STEVEN BARTLETT: Crazy.
ROBERT PAPE: Not just a small number. And then what happened after they left Chicago is they did even more of that in Minneapolis. So this trajectory, Stephen, that we’re on, where we are seeing the incredible normalization of political violence — and it’s happening on both the right and the left, I’m not trying to make moral equivalents, but the book will explain — this is probably the greatest danger that we face. Because if we are our own worst enemies, think of what that means for us being that great power that is so important for us and the great future we want for our families and our communities. We are in danger of becoming our own worst enemies. Not for a day, not for a month, but for years.
Where to Find Robert Pape
STEVEN BARTLETT: Professor, thank you so much. If anyone wants to go and read more about many of the things we’ve talked about today, where do they go? Substack — I’ll link that up.
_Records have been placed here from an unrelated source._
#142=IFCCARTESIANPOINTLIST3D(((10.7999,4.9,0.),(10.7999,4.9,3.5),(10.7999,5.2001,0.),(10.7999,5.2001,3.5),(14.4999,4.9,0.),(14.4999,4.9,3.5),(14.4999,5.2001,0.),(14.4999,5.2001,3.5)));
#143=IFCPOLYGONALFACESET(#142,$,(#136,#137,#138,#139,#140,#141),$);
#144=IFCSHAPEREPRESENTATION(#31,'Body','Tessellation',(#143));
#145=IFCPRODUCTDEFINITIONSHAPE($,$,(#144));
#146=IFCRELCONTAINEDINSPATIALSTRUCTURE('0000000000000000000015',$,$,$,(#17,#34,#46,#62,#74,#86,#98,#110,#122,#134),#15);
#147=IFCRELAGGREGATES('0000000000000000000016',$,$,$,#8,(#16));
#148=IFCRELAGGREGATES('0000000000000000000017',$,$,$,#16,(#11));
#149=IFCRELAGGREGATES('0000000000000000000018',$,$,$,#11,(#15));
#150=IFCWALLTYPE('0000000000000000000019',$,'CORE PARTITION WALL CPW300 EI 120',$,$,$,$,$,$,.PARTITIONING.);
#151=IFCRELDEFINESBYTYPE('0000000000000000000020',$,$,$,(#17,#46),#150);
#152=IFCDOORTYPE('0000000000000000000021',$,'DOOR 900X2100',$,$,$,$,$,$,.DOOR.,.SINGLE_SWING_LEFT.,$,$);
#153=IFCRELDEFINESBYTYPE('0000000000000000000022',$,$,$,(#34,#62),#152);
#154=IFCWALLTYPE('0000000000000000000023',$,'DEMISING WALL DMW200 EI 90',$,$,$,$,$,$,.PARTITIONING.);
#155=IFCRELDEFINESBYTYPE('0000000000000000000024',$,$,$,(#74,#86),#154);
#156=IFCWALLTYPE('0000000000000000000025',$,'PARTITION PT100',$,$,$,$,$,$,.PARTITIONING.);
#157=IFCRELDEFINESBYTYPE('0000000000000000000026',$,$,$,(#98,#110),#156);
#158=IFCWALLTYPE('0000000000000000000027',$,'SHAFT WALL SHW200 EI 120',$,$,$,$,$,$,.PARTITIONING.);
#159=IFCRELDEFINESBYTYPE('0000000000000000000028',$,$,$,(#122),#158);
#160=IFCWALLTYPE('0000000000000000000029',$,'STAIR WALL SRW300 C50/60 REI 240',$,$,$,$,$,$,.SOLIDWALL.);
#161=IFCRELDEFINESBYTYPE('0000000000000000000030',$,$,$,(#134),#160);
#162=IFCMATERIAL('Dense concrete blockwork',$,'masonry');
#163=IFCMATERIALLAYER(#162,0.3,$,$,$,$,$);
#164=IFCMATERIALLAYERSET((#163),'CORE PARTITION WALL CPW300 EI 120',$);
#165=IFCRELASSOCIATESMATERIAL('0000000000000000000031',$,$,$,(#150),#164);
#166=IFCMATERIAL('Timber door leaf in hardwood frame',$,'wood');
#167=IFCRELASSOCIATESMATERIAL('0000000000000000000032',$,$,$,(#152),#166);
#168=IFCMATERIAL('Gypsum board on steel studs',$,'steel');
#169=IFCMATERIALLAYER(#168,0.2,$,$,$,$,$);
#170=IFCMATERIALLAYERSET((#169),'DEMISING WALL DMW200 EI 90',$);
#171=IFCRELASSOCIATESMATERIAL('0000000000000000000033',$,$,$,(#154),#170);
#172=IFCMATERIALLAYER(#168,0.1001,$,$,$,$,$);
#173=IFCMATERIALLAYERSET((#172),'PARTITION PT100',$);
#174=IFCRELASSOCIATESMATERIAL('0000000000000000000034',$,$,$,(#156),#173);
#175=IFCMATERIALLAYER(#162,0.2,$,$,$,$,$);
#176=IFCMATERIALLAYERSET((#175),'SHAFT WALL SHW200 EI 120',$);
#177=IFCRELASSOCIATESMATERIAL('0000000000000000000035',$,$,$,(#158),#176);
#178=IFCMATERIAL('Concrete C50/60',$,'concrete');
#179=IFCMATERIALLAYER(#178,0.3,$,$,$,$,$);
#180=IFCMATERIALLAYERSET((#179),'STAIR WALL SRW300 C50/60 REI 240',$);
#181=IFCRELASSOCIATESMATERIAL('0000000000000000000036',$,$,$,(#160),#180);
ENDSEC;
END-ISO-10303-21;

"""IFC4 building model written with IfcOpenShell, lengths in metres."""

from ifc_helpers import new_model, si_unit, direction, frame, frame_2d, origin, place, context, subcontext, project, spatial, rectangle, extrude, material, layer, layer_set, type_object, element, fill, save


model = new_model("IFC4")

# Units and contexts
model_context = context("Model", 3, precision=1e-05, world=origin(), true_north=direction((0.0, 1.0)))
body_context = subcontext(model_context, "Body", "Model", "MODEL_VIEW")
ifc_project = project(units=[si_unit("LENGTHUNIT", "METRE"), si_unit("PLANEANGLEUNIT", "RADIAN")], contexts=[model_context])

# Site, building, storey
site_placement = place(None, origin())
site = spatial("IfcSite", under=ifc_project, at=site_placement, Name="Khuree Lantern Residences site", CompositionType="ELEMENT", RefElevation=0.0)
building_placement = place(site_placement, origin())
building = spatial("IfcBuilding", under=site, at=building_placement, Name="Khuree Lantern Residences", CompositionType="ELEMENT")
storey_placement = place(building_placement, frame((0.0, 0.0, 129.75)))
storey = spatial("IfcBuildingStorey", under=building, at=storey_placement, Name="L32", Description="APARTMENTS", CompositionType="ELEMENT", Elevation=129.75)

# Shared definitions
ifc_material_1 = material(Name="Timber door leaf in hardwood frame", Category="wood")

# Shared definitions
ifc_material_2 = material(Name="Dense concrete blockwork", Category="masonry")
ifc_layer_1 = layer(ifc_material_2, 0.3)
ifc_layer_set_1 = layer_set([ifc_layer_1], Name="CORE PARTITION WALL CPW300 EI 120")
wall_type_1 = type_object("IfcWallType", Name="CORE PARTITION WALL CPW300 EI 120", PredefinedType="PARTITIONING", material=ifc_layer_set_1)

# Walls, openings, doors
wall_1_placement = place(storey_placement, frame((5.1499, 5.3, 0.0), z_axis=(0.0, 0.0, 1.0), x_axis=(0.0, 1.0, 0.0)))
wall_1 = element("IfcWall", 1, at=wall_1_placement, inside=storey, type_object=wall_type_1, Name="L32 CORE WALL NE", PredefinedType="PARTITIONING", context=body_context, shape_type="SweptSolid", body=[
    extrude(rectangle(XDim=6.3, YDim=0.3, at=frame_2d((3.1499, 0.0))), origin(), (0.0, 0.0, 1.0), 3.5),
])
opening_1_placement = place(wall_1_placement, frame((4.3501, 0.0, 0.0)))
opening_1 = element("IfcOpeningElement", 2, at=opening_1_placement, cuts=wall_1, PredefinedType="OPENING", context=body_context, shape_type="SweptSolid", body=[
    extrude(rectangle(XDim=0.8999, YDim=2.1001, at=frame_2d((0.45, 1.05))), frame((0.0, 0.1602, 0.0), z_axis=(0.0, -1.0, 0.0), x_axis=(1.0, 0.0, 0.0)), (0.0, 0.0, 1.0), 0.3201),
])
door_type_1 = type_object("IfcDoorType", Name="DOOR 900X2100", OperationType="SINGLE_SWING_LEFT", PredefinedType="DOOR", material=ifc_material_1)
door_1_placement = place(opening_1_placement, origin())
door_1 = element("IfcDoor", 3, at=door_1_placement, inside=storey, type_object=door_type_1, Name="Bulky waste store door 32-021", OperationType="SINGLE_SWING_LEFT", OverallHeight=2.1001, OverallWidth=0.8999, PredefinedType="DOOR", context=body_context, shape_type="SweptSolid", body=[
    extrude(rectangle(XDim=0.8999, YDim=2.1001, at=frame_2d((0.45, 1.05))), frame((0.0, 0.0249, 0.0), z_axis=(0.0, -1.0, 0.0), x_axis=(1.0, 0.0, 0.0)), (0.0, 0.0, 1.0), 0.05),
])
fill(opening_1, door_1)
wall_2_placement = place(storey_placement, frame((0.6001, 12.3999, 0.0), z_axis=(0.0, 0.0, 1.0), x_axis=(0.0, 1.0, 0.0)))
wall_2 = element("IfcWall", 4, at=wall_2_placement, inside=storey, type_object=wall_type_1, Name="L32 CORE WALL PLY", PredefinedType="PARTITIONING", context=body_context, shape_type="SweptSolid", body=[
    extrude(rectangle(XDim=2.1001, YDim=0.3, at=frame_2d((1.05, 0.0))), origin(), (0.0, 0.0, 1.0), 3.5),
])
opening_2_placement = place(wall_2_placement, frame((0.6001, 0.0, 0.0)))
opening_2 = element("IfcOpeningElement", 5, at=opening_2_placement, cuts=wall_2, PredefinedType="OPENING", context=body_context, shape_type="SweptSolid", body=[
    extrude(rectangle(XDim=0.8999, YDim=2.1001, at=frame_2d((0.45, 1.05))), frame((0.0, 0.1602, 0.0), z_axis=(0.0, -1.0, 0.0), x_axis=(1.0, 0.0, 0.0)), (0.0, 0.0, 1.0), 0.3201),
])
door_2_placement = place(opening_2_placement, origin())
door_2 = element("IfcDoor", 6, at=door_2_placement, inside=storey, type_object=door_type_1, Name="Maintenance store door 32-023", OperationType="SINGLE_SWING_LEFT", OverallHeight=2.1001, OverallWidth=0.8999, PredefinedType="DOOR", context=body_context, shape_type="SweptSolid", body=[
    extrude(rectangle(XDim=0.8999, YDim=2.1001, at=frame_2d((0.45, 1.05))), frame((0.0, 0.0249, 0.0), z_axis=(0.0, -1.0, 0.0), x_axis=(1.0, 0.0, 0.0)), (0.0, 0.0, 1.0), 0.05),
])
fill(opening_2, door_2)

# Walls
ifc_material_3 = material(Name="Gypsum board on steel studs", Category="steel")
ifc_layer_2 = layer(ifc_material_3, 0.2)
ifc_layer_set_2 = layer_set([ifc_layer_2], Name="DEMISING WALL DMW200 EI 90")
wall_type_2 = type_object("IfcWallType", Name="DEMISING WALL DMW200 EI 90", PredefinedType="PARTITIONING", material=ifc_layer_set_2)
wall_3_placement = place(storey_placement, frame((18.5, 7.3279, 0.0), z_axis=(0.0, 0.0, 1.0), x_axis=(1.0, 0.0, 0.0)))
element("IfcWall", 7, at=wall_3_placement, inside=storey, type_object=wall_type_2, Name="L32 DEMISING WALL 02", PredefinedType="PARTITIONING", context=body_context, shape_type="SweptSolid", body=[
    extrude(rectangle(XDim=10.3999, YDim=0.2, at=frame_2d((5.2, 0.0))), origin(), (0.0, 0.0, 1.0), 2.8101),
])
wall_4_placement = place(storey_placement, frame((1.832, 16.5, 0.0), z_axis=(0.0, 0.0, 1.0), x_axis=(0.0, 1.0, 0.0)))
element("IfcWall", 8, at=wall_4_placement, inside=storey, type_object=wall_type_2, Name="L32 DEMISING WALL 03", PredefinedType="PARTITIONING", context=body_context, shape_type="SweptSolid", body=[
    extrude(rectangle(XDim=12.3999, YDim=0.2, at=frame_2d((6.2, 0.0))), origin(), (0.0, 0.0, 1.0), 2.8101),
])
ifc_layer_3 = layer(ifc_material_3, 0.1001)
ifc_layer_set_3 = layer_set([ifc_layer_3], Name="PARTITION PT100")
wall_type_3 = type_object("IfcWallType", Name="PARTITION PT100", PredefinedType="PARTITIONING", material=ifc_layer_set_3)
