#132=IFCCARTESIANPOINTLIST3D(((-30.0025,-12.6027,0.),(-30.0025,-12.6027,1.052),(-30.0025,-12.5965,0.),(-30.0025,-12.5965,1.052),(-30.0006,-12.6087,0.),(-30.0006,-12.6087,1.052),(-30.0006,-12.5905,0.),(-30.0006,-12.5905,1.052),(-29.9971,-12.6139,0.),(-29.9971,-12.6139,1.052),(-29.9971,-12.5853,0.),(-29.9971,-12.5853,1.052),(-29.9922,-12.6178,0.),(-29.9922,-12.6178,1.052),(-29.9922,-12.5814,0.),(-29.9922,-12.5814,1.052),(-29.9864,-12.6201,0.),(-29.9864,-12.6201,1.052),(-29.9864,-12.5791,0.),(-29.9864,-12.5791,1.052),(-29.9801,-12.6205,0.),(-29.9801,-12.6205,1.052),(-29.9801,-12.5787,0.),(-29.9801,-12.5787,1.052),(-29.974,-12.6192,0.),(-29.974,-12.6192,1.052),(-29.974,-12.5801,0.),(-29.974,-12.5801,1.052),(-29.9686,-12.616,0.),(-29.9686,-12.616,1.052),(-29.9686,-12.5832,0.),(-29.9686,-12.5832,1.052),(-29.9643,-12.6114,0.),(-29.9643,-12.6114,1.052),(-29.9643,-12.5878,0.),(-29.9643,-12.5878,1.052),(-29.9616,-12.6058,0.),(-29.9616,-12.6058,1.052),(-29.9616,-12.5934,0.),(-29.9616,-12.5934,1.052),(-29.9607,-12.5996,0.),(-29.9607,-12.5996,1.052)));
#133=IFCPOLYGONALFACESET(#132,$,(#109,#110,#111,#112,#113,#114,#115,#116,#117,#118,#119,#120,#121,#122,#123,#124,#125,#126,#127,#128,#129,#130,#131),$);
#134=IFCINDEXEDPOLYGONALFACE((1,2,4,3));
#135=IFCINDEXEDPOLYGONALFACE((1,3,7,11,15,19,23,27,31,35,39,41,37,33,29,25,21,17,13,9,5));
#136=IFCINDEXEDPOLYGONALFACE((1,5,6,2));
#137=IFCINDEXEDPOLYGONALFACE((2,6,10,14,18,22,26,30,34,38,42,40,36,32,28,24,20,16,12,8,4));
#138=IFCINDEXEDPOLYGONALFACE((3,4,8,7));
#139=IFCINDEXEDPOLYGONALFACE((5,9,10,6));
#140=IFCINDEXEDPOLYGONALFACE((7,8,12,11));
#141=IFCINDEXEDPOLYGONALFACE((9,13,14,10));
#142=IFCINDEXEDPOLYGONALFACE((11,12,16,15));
ROBERT PAPE: You can read my books on it, you can get them from Amazon. I would go to Substack — and that’s The Escalation Trap. And I would also just be aware that there will be more discussion of political violence. So it’s not just political violence abroad and it’s not just political violence at home. It is both happening at the same time.
STEVEN BARTLETT: Professor, thank you so much.
ROBERT PAPE: Thank you very much. Really, really enjoyed it. Thank you very much.